Poesjkin is geen geval apart. In 2015 al heeft Michail Ryklin in de "Neue Zürcher Zeitung" onthutst erop gewezen dat de schrijver Josif Brodsky, zeker geen vriend van het Kremlin, zich zo mogelijk nog beschamender had uitgelaten over de Oekraïners. Zijn tekst “Over de onafhankelijkheid van Oekraïne” is één hatelijke tirade tegen de Oekraïensen en de Oekraïners, die hij onder meer als het laagste boerenvolk beschreef. En passant wees hij vol leedvermaak op de nucleaire catastrofe in Tsjernobyl. En in de laatste strofe beweerde Brodsky bijzonder perfide dat de Russische cultuur superieur was, want op hun sterfbed lag de Oekraïners niet de “onzin” van de Oekraïense nationale dichter Taras Sjevtsjenko op de lippen, maar wel de gedichten van Poesjkin. Ga toch weg!

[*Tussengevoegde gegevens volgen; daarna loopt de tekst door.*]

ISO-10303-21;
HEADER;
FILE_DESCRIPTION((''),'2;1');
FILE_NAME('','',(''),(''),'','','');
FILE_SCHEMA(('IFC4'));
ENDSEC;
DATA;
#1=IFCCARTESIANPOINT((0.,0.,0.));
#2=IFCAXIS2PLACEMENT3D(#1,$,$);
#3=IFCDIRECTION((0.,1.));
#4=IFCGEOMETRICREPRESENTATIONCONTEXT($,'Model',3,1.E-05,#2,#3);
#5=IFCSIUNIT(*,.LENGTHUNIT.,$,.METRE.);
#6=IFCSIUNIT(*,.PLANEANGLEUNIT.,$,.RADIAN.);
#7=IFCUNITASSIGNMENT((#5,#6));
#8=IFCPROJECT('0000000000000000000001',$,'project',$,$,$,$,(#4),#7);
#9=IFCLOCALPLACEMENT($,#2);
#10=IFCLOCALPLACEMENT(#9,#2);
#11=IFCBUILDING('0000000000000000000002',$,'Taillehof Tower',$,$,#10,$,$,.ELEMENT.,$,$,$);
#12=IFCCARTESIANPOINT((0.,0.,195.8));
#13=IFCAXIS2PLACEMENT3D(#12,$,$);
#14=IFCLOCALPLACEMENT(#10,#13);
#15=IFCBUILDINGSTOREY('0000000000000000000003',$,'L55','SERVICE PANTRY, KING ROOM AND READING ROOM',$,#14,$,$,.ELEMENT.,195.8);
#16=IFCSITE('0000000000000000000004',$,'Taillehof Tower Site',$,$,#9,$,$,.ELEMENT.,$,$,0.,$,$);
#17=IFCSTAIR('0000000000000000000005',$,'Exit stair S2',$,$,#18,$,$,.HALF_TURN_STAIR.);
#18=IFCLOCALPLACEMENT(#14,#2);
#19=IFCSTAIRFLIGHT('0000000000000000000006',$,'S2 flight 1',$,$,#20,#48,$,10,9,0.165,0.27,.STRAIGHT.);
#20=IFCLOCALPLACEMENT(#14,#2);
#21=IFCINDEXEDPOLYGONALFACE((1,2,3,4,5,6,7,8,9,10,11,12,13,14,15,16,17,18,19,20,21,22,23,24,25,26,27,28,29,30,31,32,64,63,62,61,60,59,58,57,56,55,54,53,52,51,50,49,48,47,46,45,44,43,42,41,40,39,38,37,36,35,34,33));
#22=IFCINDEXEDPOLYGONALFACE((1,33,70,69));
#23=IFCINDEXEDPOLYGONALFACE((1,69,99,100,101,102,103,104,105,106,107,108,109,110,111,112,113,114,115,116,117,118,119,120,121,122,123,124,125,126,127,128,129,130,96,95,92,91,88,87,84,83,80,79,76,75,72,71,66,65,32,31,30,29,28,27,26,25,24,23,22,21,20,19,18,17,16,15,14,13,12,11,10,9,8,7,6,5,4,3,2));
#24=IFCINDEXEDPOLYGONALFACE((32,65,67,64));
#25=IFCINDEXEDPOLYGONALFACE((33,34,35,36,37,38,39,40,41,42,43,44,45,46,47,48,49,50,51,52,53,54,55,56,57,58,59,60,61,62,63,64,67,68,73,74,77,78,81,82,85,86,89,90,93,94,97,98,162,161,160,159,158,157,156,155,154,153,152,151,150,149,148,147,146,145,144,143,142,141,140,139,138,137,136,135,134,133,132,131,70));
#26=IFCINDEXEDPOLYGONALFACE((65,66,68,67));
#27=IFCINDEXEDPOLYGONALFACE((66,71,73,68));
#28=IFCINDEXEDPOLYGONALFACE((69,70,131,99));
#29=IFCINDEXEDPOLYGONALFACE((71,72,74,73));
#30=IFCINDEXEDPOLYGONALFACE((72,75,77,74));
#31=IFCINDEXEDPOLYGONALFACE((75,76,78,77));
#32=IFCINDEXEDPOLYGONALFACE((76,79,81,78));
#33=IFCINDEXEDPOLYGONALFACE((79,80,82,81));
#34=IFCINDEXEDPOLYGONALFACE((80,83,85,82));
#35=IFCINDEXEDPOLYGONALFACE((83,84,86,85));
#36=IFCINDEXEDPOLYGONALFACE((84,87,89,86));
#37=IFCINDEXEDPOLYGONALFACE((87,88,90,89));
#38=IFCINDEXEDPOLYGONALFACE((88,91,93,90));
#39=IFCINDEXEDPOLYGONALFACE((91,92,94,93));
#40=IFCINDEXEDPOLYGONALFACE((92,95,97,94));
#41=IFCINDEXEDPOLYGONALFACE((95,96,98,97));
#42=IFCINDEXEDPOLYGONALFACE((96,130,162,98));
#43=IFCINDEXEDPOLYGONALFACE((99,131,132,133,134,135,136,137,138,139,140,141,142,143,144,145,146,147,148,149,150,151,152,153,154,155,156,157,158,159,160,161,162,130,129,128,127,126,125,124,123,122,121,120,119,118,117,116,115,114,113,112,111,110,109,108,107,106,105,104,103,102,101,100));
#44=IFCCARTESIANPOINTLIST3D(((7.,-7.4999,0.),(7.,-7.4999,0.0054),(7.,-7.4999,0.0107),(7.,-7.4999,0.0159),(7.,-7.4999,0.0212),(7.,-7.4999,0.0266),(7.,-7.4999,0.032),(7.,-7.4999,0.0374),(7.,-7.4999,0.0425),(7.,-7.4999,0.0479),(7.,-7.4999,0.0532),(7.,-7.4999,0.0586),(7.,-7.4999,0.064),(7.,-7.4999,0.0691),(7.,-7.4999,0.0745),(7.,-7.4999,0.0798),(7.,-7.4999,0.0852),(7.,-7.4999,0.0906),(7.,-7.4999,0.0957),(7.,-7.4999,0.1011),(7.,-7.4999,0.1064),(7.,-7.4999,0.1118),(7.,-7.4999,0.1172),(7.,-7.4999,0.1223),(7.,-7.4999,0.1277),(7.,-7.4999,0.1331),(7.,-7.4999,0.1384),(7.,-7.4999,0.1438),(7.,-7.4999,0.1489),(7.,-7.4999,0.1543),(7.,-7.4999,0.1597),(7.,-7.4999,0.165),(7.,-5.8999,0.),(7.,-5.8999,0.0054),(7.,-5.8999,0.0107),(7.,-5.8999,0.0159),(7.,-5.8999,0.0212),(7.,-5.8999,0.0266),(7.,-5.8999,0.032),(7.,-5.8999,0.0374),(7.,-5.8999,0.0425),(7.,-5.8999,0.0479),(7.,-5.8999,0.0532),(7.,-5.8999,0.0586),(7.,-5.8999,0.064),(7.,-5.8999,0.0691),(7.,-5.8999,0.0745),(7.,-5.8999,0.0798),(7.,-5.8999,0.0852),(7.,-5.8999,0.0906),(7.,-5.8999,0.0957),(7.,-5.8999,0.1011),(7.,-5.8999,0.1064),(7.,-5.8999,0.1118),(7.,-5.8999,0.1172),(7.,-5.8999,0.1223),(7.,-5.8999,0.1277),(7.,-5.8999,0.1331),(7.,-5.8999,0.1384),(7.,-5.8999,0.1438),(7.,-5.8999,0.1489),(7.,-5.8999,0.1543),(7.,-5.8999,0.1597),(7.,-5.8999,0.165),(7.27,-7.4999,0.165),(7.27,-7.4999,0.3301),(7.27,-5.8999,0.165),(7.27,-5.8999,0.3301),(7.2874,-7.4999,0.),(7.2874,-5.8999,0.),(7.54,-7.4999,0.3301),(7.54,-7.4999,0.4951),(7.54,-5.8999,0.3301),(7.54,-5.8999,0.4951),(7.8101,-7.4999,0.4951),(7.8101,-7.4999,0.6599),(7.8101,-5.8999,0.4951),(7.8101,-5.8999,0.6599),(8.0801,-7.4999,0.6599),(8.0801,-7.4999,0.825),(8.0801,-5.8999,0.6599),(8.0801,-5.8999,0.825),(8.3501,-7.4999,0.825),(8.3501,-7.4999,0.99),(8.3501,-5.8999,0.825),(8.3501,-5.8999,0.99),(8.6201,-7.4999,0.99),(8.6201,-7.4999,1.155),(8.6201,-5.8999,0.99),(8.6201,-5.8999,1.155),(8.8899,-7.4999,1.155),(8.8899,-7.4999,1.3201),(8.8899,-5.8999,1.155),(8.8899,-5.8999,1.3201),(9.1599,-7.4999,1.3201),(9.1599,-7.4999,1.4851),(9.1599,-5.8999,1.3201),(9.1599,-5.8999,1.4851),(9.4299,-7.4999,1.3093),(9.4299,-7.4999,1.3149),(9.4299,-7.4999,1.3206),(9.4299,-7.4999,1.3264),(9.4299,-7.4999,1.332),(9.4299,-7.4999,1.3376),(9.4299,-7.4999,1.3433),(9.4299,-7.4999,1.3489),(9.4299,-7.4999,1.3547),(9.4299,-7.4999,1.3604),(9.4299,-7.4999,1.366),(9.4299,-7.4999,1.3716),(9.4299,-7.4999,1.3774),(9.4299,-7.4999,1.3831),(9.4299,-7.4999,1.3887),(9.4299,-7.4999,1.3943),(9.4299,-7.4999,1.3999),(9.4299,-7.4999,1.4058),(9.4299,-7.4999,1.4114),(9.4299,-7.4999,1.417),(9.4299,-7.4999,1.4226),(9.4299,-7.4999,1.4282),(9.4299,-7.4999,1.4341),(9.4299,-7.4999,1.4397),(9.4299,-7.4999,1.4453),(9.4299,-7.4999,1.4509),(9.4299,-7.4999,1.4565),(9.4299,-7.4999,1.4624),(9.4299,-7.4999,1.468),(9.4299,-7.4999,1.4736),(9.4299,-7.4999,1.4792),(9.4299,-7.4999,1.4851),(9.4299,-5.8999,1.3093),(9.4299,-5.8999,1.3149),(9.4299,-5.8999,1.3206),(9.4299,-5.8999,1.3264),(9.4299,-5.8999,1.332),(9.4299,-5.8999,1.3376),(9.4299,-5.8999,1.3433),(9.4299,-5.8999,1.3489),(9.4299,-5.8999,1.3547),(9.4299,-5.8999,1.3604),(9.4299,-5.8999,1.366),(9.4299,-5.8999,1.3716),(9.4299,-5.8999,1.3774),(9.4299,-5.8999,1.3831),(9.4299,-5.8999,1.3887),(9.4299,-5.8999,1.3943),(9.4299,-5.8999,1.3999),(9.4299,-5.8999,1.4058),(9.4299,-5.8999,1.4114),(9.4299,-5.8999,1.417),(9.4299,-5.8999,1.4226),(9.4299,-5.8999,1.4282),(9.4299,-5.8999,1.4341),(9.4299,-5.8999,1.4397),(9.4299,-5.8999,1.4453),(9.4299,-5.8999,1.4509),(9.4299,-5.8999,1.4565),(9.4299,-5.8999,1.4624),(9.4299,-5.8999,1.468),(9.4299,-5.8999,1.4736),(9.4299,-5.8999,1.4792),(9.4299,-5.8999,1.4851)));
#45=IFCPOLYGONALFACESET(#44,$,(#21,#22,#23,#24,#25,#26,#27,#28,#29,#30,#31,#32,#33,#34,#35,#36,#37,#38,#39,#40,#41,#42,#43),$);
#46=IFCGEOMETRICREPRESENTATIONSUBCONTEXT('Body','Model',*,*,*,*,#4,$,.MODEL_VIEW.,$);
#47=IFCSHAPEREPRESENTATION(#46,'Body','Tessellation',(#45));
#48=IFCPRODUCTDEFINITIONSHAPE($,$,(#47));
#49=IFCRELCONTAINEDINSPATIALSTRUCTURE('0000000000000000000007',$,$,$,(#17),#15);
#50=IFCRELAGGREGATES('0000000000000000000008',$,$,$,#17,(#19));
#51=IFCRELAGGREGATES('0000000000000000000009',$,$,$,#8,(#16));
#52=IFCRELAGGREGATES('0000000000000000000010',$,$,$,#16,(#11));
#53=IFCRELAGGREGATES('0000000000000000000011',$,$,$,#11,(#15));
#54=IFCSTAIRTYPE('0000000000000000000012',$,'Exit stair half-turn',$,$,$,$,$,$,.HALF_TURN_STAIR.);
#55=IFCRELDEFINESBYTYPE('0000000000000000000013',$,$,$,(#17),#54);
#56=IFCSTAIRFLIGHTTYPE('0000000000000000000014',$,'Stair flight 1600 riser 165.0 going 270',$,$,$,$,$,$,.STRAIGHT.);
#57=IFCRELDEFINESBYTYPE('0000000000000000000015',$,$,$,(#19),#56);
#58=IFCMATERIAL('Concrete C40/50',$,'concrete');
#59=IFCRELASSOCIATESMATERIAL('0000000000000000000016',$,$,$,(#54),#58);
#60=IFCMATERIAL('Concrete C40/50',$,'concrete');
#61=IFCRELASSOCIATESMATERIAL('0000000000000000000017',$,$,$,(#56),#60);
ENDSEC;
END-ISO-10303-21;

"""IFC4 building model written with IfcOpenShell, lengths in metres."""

from ifc_helpers import new_model, si_unit, direction, frame, origin, place, context, subcontext, project, spatial, polyline, outline, extrude, material, type_object, element, aggregate, save


model = new_model("IFC4")

# Units and contexts
model_context = context("Model", 3, precision=1e-05, world=origin(), true_north=direction((0.0, 1.0)))
body_context = subcontext(model_context, "Body", "Model", "MODEL_VIEW")
ifc_project = project(units=[si_unit("LENGTHUNIT", "METRE"), si_unit("PLANEANGLEUNIT", "RADIAN")], contexts=[model_context])

# Site, building, storey
site_placement = place(None, origin())
site = spatial("IfcSite", under=ifc_project, at=site_placement, Name="Taillehof Tower Site", CompositionType="ELEMENT", RefElevation=0.0)
building_placement = place(site_placement, origin())
building = spatial("IfcBuilding", under=site, at=building_placement, Name="Taillehof Tower", CompositionType="ELEMENT")
storey_placement = place(building_placement, frame((0.0, 0.0, 195.8)))
storey = spatial("IfcBuildingStorey", under=building, at=storey_placement, Name="L55", Description="SERVICE PANTRY, KING ROOM AND READING ROOM", CompositionType="ELEMENT", Elevation=195.8)

# Stair
ifc_material_1 = material(Name="Concrete C40/50", Category="concrete")
stair_type = type_object("IfcStairType", Name="Exit stair half-turn", PredefinedType="HALF_TURN_STAIR", material=ifc_material_1)
stair_1_placement = place(storey_placement, origin())
stair_1 = element("IfcStair", 1, at=stair_1_placement, inside=storey, type_object=stair_type, Name="Exit stair S2", PredefinedType="HALF_TURN_STAIR")

# Stair flight
ifc_material_2 = material(Name="Concrete C40/50", Category="concrete")
stair_flight_type = type_object("IfcStairFlightType", Name="Stair flight 1600 riser 165.0 going 270", PredefinedType="STRAIGHT", material=ifc_material_2)
stair_flight_placement = place(storey_placement, frame((7.0, -6.7, 0.0), z_axis=(0.0, 0.0, 1.0), x_axis=(1.0, 0.0, 0.0)))
stair_flight = element("IfcStairFlight", 2, at=stair_flight_placement, type_object=stair_flight_type, Name="S2 flight 1", NumberOfRisers=10, NumberOfTreads=9, PredefinedType="STRAIGHT", RiserHeight=0.165, TreadLength=0.27, context=body_context, shape_type="SweptSolid", body=[
    extrude(outline(polyline([(0.0, 0.0), (0.0, 0.0054), (0.0, 0.0107), (0.0, 0.0159), (0.0, 0.0212), (0.0, 0.0266), (0.0, 0.032), (0.0, 0.0374), (0.0, 0.0425), (0.0, 0.0479), (0.0, 0.0532), (0.0, 0.0586), (0.0, 0.064), (0.0, 0.0691), (0.0, 0.0745), (0.0, 0.0798), (0.0, 0.0852), (0.0, 0.0906), (0.0, 0.0957), (0.0, 0.1011), (0.0, 0.1064), (0.0, 0.1118), (0.0, 0.1172), (0.0, 0.1223), (0.0, 0.1277), (0.0, 0.1331), (0.0, 0.1384), (0.0, 0.1438), (0.0, 0.1489), (0.0, 0.1543), (0.0, 0.1597), (0.0, 0.165), (0.27, 0.165), (0.27, 0.3301), (0.54, 0.3301), (0.54, 0.4951), (0.8101, 0.4951), (0.8101, 0.6599), (1.0801, 0.6599), (1.0801, 0.825), (1.3501, 0.825), (1.3501, 0.99), (1.6201, 0.99), (1.6201, 1.155), (1.8899, 1.155), (1.8899, 1.3201), (2.1599, 1.3201), (2.1599, 1.4851), (2.4299, 1.4851), (2.4299, 1.4792), (2.4299, 1.4736), (2.4299, 1.468), (2.4299, 1.4624), (2.4299, 1.4565), (2.4299, 1.4509), (2.4299, 1.4453), (2.4299, 1.4397), (2.4299, 1.4341), (2.4299, 1.4282), (2.4299, 1.4226), (2.4299, 1.417), (2.4299, 1.4114), (2.4299, 1.4058), (2.4299, 1.3999), (2.4299, 1.3943), (2.4299, 1.3887), (2.4299, 1.3831), (2.4299, 1.3774), (2.4299, 1.3716), (2.4299, 1.366), (2.4299, 1.3604), (2.4299, 1.3547), (2.4299, 1.3489), (2.4299, 1.3433), (2.4299, 1.3376), (2.4299, 1.332), (2.4299, 1.3264), (2.4299, 1.3206), (2.4299, 1.3149), (2.4299, 1.3093), (0.2874, 0.0), (0.0, 0.0)])), frame((0.0, 0.8, 0.0), z_axis=(0.0, -1.0, 0.0), x_axis=(1.0, 0.0, 0.0)), (0.0, 0.0, 1.0), 1.6),
])
aggregate(stair_1, [stair_flight])

save(model, "model.ifc")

Met het oog op zulke misstappen van de grote Brodsky stelt Ryklin zichzelf vragen bij zijn standpunt: “Ben je het dan voor jezelf wel zeker, vraag je je af, of je niet zelf aan het grote broer-complex van de imperiale arrogantie ten prooi valt?” Die vraag stellen aan Russische cultuurdragers van verleden en heden is niet alleen zinvol, maar ook nodig. Wij moeten ons afvragen hoe het bij Tolstoj ligt, hoe het er voor “De Witte Garde” [1924] van Michail Boelgakov uitziet, en wat men moet aanvangen met Fjodor Dostojevski’s niet al te vriendelijke uitlatingen over Polen.***

Men moet nauwlettend toezien

Moeten we gevolg geven aan de boycot-oproepen en Poesjkin of Brodsky uit de rekken weren? Of liever de geschiedenis vergeten en geen acht slaan op de politieke inhoud van de Russische literatuur? Het antwoord ligt in het besef dat de imperiale fantasieën, en de onaangename Russische gewoonte om andere volkeren hun zelfbeschikkingsrecht te ontzeggen niet uit een heldere hemel zijn komen vallen. Russische auteurs, ook Poesjkin, hebben deze zake
n in hun werken genormaliseerd. De lectuur van hun werken geeft inzicht in die Russische traditie van imperiaal denken, die het tsarenrijk en de Sovjetunie overleefd heeft en vandaag aan het Kremlin een leugenachtige grond geeft voor zijn oorlog.

Op één punt hebben Yücel en de Duitse PEN-club het bij het recht eind: men moet nauwlettend toezien.

–––––––––––
* Nederlander, slavist en bestuurslid van de Österreichische Gesellschaft für Slawistik. Hij werkt aan een proefschrift over de Poolse dichters Czesław Miłosz en Zbigniew Herbert.
** Fragment in de vertaling van Hans Boland (zoals ook het volgende fragment).
*** Hij beperkte zich niet tot Polen.

1 opmerking:

rlin zei

Men kan niet voorzichtig genoeg zijn. Poesjkin, Tsjaikovski, het Bolsjoi-ballet het zijn allemaal Russische imperialistische tekenen van superioriteit ten aanzien van de Oekraïenische kozakkencultuur. Kolonialisme ten top!